Doing a benchmark and playing a game are not the same thing, system resources are used diferantly. Sorry.

Ok.... I will lower the FSB tonight from 145 to 140 and 133 final. Sigh.... I am thinking to buy another mobo at last resort. It really bad experience with Prolink PixelView GF4-Ti4200.
 
Put everything back stock...video card and FSB. Run your game. After an hour or so (if it doesn't crash) check your temps. If everything looks cozy, up the FSB and try it again (no o/c on the vid card). Repeat this until you find instability in the game, or until you reach your old oc limit of 145FSB. THEN try to oc your vid card, one step at a time...again, checking temps as you go.
 
OK... many thanks to skahful and banzai for lower fsb idea.

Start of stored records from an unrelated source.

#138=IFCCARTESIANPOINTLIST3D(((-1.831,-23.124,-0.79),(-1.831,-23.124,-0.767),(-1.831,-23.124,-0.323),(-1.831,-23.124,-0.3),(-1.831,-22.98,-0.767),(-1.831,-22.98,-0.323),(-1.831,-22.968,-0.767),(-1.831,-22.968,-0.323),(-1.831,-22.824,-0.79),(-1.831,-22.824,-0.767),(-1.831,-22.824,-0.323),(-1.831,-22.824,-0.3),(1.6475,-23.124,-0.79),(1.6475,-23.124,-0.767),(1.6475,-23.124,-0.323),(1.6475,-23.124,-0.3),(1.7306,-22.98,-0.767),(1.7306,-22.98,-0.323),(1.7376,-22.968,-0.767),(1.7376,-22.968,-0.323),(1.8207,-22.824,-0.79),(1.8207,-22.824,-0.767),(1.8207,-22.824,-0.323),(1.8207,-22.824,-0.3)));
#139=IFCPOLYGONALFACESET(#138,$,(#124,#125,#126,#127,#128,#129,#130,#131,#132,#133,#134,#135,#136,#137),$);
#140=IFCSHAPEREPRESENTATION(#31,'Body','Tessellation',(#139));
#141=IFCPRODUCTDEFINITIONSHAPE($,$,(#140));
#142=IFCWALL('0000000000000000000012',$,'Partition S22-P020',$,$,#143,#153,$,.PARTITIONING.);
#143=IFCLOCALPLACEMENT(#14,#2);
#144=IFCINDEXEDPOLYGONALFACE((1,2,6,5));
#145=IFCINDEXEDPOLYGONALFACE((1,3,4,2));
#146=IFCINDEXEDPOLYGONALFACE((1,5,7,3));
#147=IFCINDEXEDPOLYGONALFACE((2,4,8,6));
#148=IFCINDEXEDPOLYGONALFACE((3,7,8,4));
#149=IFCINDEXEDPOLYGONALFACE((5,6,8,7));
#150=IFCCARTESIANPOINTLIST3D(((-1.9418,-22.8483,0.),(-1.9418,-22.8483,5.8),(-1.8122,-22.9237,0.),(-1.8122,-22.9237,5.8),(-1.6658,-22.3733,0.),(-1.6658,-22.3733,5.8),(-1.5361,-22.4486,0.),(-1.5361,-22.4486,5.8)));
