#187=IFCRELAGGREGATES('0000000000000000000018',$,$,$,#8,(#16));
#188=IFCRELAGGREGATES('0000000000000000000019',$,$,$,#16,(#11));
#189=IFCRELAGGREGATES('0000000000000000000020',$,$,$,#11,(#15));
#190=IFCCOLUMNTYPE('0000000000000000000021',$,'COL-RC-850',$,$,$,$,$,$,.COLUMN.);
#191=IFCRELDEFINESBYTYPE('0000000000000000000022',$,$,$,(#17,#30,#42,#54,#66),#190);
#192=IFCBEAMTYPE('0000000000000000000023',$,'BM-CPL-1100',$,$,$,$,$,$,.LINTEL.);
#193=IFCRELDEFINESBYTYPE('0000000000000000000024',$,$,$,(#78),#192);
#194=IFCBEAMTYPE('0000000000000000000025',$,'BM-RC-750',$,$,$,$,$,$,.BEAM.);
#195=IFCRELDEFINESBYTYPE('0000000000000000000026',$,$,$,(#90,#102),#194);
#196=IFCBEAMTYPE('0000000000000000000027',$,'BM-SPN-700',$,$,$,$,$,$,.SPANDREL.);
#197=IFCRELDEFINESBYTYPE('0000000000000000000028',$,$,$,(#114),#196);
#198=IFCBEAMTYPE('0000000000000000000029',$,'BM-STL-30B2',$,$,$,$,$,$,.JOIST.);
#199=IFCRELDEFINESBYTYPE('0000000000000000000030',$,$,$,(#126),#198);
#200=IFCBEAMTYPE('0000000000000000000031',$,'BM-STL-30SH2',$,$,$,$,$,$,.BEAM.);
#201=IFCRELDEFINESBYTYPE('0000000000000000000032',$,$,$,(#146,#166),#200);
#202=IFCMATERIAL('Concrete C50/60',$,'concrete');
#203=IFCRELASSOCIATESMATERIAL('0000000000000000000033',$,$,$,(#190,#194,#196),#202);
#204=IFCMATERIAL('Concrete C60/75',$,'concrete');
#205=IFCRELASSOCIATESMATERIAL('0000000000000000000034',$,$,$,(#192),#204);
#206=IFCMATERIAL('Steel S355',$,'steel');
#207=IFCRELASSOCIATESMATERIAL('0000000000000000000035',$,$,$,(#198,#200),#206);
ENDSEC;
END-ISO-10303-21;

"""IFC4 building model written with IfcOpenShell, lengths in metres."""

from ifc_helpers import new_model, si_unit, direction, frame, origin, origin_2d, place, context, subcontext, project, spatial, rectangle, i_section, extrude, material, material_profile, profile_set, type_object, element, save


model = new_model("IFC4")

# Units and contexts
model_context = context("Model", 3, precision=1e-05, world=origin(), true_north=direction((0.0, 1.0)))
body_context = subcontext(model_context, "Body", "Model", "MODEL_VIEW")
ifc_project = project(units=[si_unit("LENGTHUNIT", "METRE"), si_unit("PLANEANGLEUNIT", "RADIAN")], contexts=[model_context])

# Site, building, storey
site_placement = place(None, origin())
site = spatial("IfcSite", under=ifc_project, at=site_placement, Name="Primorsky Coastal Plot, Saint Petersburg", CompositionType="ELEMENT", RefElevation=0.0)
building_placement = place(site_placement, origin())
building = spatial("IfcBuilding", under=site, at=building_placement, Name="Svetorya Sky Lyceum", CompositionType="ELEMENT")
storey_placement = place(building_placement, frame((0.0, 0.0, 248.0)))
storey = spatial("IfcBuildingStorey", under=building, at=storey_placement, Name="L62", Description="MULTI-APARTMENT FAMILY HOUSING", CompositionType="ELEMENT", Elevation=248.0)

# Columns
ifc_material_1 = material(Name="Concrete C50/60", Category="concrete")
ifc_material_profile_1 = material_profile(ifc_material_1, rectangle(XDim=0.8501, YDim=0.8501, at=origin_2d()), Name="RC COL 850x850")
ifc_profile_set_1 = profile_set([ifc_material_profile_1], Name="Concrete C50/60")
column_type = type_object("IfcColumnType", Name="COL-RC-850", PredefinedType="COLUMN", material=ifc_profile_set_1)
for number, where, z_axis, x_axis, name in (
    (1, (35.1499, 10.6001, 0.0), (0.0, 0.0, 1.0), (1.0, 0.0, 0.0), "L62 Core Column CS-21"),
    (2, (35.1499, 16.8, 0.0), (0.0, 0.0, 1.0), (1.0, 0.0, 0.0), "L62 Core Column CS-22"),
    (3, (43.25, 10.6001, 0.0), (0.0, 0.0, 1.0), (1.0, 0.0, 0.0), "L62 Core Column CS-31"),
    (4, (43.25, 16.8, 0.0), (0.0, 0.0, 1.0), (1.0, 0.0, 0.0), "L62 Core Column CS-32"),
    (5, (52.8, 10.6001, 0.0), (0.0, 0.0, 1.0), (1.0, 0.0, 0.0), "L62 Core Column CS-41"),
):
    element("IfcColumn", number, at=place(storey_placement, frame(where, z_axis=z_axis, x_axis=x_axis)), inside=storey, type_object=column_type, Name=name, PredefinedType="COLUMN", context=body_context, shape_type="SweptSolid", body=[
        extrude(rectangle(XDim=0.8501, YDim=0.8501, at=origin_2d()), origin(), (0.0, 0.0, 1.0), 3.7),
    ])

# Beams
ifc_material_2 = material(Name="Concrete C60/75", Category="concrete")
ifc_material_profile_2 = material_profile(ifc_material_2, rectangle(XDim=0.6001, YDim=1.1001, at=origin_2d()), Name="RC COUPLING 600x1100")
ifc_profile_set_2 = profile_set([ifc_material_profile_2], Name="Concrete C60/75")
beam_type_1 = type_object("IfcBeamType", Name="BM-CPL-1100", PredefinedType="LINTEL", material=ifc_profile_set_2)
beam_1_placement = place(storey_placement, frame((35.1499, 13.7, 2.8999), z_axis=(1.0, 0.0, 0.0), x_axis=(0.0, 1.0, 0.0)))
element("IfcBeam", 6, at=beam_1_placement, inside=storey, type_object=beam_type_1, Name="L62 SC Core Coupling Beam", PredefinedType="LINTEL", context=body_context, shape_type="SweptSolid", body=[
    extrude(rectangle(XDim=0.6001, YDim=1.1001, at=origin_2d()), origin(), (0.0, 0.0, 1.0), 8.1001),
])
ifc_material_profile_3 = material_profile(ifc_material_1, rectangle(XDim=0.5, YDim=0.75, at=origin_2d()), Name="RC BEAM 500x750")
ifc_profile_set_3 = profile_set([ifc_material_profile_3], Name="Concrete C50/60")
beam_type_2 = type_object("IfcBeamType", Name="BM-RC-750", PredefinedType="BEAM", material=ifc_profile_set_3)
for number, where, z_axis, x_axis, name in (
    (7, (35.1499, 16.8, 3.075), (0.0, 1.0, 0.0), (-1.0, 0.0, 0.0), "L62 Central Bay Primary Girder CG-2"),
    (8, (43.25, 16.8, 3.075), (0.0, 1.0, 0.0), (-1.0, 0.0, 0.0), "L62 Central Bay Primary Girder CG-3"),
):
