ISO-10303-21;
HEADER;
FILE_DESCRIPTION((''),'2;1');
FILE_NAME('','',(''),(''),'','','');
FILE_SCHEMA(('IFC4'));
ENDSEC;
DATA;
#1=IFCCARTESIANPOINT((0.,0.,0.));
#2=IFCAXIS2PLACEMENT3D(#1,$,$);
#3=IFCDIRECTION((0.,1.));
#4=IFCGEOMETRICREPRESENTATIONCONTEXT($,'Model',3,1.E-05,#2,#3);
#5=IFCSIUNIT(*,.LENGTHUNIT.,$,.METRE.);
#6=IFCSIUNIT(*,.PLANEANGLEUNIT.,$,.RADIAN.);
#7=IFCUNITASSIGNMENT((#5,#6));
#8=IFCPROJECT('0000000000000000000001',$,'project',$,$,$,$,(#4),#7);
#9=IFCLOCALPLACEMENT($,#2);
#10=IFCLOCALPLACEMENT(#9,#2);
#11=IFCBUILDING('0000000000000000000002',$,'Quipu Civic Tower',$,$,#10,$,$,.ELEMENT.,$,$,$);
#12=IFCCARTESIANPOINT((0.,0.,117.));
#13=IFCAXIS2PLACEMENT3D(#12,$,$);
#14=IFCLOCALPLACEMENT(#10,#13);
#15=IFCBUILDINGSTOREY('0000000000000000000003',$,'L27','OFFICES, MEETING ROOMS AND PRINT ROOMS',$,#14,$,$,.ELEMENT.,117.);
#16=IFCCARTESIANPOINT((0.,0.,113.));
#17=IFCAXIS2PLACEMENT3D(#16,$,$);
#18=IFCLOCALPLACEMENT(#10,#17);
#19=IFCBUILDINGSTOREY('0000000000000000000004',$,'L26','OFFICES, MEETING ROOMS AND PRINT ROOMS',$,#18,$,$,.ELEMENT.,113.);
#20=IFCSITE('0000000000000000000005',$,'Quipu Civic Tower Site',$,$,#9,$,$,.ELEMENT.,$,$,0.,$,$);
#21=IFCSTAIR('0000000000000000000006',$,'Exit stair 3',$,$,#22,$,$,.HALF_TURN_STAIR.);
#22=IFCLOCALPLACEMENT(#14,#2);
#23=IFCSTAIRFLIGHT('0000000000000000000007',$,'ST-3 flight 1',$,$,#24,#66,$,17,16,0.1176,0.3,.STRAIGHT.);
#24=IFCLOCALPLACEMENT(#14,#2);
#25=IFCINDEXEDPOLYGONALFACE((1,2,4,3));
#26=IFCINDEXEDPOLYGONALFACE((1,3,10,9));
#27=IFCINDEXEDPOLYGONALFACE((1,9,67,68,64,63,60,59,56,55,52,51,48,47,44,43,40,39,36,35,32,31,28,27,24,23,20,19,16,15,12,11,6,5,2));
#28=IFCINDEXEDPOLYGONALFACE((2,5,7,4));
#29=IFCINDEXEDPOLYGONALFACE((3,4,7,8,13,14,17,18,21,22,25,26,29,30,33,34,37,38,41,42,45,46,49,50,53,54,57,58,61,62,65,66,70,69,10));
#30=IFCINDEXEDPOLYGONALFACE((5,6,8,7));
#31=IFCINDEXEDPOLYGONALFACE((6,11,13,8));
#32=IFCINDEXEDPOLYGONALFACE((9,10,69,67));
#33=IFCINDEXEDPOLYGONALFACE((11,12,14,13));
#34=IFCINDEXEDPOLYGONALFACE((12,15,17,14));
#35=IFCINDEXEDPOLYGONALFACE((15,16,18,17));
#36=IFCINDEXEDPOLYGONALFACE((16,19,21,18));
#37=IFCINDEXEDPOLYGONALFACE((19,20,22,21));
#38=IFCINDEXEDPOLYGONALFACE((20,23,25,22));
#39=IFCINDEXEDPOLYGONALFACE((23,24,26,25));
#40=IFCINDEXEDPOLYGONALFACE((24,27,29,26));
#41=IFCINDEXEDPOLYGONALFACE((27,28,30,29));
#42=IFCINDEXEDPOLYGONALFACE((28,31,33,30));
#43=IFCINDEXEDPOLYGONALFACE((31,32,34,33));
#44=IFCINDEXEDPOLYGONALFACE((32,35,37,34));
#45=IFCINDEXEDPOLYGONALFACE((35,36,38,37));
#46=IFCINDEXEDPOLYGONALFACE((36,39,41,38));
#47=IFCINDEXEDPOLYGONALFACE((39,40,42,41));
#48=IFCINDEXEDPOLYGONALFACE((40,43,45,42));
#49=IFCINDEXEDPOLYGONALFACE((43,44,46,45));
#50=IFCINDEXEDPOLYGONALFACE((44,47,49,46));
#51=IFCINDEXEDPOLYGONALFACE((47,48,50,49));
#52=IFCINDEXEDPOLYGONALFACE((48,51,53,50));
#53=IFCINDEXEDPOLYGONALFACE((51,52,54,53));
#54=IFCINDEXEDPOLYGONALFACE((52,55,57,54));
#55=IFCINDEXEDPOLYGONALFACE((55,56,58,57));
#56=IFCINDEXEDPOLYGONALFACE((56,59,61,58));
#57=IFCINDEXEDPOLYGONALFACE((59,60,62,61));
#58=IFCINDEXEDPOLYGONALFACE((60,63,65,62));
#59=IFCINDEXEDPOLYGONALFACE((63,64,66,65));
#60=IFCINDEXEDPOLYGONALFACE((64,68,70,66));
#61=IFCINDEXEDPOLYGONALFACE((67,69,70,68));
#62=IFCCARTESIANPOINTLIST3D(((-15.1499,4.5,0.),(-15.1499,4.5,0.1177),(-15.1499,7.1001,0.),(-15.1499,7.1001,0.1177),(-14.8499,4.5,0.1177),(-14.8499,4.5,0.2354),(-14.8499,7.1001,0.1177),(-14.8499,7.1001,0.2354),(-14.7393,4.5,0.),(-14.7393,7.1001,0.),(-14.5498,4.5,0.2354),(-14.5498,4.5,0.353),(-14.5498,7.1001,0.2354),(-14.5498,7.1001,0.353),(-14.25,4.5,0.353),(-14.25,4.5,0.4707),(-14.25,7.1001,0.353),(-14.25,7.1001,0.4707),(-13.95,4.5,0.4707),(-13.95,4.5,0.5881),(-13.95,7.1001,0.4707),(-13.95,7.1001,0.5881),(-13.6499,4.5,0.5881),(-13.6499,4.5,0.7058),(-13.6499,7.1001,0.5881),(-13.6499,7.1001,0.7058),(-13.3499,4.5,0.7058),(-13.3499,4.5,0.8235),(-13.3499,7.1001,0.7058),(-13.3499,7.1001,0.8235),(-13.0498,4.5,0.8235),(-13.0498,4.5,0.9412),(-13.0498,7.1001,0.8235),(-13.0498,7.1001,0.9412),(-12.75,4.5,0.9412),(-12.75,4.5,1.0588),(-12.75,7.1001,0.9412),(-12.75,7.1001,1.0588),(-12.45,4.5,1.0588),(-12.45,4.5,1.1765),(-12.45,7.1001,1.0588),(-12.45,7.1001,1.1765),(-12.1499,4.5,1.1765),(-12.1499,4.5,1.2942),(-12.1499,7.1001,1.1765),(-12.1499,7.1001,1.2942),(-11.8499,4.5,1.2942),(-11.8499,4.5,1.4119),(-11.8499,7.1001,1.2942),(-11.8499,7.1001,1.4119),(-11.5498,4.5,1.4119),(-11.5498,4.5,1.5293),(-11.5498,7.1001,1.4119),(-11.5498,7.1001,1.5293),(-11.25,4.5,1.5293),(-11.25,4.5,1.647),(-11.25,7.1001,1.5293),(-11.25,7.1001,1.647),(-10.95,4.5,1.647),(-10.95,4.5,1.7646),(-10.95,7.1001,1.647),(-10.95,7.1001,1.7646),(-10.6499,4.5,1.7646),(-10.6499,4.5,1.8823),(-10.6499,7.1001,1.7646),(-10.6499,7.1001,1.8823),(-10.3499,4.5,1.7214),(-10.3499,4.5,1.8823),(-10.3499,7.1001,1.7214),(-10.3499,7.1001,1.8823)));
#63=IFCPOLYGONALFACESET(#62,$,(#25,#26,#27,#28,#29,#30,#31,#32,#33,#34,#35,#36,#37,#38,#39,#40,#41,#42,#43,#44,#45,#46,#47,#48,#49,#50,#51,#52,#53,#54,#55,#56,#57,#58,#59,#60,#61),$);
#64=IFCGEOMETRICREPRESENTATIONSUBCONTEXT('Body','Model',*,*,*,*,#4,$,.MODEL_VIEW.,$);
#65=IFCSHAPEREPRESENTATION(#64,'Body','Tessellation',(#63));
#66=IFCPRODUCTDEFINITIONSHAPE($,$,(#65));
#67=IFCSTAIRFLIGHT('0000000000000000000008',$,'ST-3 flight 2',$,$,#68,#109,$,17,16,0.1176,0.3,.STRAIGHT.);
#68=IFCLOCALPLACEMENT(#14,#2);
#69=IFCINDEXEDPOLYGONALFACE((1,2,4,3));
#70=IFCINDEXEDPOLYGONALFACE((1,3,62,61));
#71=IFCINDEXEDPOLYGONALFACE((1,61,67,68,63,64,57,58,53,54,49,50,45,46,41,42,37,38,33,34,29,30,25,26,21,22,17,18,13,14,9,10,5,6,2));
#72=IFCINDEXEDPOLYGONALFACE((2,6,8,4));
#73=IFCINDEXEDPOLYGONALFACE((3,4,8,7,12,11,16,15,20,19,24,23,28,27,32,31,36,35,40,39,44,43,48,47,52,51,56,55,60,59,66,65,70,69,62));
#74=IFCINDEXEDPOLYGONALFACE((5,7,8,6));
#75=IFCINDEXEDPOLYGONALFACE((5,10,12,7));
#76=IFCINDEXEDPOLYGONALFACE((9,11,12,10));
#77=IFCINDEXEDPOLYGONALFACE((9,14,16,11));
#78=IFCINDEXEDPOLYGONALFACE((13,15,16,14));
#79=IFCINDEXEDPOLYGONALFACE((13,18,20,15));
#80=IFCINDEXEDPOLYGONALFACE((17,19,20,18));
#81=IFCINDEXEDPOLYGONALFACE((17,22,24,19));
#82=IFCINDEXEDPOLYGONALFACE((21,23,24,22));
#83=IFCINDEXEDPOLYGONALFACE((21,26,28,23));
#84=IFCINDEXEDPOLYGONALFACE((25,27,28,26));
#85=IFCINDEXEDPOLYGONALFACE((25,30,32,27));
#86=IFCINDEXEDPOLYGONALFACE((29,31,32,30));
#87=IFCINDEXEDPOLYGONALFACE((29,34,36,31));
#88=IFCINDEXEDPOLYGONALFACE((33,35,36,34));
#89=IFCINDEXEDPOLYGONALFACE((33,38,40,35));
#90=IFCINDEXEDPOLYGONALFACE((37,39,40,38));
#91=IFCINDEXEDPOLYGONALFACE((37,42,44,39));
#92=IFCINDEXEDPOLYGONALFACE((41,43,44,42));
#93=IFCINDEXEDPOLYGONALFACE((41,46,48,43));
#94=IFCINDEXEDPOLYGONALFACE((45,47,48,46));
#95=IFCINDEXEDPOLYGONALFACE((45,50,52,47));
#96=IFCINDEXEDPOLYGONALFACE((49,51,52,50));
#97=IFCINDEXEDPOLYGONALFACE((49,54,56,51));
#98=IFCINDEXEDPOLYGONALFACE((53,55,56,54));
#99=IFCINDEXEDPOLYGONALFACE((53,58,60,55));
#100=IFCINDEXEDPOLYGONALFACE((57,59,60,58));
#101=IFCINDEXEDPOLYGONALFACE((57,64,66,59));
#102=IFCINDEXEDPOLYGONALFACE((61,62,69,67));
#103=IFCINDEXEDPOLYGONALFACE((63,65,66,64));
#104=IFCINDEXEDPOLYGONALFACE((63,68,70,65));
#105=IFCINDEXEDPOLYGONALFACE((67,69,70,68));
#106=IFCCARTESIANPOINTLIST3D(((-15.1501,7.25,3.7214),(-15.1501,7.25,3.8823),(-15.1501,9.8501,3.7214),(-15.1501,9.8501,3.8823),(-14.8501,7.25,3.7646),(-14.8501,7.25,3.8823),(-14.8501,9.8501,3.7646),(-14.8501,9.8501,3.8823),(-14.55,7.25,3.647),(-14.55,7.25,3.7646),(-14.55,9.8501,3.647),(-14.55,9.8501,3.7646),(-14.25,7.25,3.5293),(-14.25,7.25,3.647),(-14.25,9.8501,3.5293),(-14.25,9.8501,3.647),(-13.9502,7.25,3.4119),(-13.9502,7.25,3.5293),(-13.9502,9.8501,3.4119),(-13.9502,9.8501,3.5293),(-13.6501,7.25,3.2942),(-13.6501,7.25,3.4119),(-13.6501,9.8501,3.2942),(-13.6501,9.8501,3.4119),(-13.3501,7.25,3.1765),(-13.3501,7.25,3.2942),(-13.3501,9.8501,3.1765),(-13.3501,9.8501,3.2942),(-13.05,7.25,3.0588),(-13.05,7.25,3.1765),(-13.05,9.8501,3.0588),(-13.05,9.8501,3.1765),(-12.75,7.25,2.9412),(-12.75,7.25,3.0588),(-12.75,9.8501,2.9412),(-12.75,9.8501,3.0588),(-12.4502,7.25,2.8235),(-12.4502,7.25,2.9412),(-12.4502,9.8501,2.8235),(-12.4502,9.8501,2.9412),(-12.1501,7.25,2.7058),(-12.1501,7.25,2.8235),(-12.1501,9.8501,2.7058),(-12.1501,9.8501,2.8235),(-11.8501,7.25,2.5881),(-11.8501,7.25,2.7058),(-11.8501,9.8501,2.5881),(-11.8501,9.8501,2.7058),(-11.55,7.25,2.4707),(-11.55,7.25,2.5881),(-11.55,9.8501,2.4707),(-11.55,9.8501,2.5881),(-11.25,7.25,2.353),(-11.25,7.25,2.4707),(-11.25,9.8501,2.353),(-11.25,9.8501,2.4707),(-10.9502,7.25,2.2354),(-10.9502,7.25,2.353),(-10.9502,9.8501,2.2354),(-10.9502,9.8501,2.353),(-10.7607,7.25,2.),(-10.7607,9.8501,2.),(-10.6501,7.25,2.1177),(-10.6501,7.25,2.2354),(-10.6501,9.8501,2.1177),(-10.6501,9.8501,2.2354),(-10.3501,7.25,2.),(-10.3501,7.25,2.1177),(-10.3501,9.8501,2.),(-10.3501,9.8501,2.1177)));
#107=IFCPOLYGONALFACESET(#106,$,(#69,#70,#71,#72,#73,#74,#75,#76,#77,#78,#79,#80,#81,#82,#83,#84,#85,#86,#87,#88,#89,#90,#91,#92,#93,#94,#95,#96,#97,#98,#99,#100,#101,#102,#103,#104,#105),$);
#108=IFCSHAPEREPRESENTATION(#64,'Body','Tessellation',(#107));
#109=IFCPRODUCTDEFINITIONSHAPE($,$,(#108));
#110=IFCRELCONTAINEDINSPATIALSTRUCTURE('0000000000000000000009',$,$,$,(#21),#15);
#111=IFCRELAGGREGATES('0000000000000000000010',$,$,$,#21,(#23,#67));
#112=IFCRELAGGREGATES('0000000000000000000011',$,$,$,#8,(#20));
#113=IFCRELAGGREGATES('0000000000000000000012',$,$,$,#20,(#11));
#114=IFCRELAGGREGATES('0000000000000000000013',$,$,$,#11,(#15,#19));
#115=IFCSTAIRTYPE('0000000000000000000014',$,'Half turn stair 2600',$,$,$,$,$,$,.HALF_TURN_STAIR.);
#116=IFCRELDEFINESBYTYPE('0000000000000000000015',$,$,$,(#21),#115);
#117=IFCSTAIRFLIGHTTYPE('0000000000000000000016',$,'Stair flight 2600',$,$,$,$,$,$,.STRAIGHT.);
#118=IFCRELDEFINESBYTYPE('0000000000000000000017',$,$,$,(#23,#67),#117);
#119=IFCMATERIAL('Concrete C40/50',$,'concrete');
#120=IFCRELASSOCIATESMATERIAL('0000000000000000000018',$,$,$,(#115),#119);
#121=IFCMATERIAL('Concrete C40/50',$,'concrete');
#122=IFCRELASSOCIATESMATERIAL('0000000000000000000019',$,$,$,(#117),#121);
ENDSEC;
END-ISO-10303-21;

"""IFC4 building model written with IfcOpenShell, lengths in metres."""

from ifc_helpers import new_model, si_unit, direction, frame, origin, place, context, subcontext, project, spatial, polyline, outline, extrude, material, type_object, element, aggregate, save


model = new_model("IFC4")

# Units and contexts
model_context = context("Model", 3, precision=1e-05, world=origin(), true_north=direction((0.0, 1.0)))
body_context = subcontext(model_context, "Body", "Model", "MODEL_VIEW")
ifc_project = project(units=[si_unit("LENGTHUNIT", "METRE"), si_unit("PLANEANGLEUNIT", "RADIAN")], contexts=[model_context])

# Site, building, storey
site_placement = place(None, origin())
site = spatial("IfcSite", under=ifc_project, at=site_placement, Name="Quipu Civic Tower Site", CompositionType="ELEMENT", RefElevation=0.0)
building_placement = place(site_placement, origin())
building = spatial("IfcBuilding", under=site, at=building_placement, Name="Quipu Civic Tower", CompositionType="ELEMENT")
storey_1_placement = place(building_placement, frame((0.0, 0.0, 117.0)))
storey_1 = spatial("IfcBuildingStorey", under=building, at=storey_1_placement, Name="L27", Description="OFFICES, MEETING ROOMS AND PRINT ROOMS", CompositionType="ELEMENT", Elevation=117.0)

# Shared definitions
storey_2_placement = place(building_placement, frame((0.0, 0.0, 113.0)))
storey_2 = spatial("IfcBuildingStorey", under=building, at=storey_2_placement, Name="L26", Description="OFFICES, MEETING ROOMS AND PRINT ROOMS", CompositionType="ELEMENT", Elevation=113.0)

Broken heartly, I am running at 140fsb now and the games could play longer like 30-40 minutes. Definetely more stable than running 145fsb. But the crash problem still exist. Its time to lower again to 133fsb and see what happens.
Hope it works!!
 
asw7576, My sig is what I run my system at everyday, its 100% stable across all games, applications and benchmarks. However I can benchmark my rig at 145 x 11 (almost 1.6gigs) but it isn't very stable and the heat build up is intolerable. I've benchmarked my video card at 300/605 but while I get a 3dmark score (I think I'm still top dog at overclockers for my cpu and config, but maybe not) I don't consider that a stable speed for day to day gaming or applications.

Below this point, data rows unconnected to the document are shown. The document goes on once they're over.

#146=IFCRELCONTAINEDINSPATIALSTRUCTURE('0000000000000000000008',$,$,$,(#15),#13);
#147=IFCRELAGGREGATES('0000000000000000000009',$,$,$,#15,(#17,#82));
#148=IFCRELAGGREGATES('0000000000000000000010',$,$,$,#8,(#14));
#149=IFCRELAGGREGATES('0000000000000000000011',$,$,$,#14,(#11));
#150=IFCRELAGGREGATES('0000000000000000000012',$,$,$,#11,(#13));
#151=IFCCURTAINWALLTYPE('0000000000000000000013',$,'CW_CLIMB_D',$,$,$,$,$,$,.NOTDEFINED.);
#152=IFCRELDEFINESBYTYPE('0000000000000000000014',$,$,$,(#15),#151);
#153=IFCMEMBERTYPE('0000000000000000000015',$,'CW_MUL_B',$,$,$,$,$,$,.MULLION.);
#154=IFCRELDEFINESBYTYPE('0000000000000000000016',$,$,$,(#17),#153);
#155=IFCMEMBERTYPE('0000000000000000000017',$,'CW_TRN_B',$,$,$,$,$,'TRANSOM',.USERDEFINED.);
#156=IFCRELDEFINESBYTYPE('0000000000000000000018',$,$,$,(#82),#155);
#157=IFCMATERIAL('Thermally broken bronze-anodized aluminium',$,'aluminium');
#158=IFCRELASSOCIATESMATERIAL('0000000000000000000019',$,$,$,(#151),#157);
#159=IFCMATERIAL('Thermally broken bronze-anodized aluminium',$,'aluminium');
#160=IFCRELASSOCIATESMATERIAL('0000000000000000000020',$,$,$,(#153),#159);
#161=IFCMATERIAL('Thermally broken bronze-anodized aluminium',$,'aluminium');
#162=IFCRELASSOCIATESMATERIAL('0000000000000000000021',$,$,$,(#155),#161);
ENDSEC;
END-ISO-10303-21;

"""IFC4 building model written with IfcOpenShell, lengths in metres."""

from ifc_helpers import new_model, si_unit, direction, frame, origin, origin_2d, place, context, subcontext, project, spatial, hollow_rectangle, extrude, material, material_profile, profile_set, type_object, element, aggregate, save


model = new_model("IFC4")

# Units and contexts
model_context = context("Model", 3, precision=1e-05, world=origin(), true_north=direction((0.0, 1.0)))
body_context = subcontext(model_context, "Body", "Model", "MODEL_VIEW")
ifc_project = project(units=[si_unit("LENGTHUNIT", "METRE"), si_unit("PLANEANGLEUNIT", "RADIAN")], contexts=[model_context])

I wouldn't give up on your card or your mobo. You could need something as simple as an extra fan or three. I run six fans plus the power supply has one and I use a coolermaster HHC 001 cooler for my cpu. Get a good system monitoring software I use PC alert 3 to keep an eye on temps and help me to judge how effective my cooling schemes are. I am almost ready to jump on the watercooling bandwagon but I'm going to wait until the technology is more accessible. A big part of overclocking is keeping your components cool. Good luck.
 
I would agree. Since you found out your OC is the problem, and you want to keep the higher OC that you had, I would look at ways that you could improve your cooling. More/bigger/better fans, cable organization to reduce air restriction, etc.... I don't know what you have now, but hopefully there is room for improvement.
 
Banzai.... if you see my card (I have to borrow digital camera first from my brother, I promised to show everyone a picture) you see a madmax machine. It has Celeron 1.1A HSF for GPU and small HSF on all parts that produce heats. Definetely macho looking and cool. But not stable..... damn!

Running 133FSB now and you know what? I think..., I will throw up...... the game jitters and doesn't run smoothly. Definetely, I will get a new mobo with AGP voltage setting.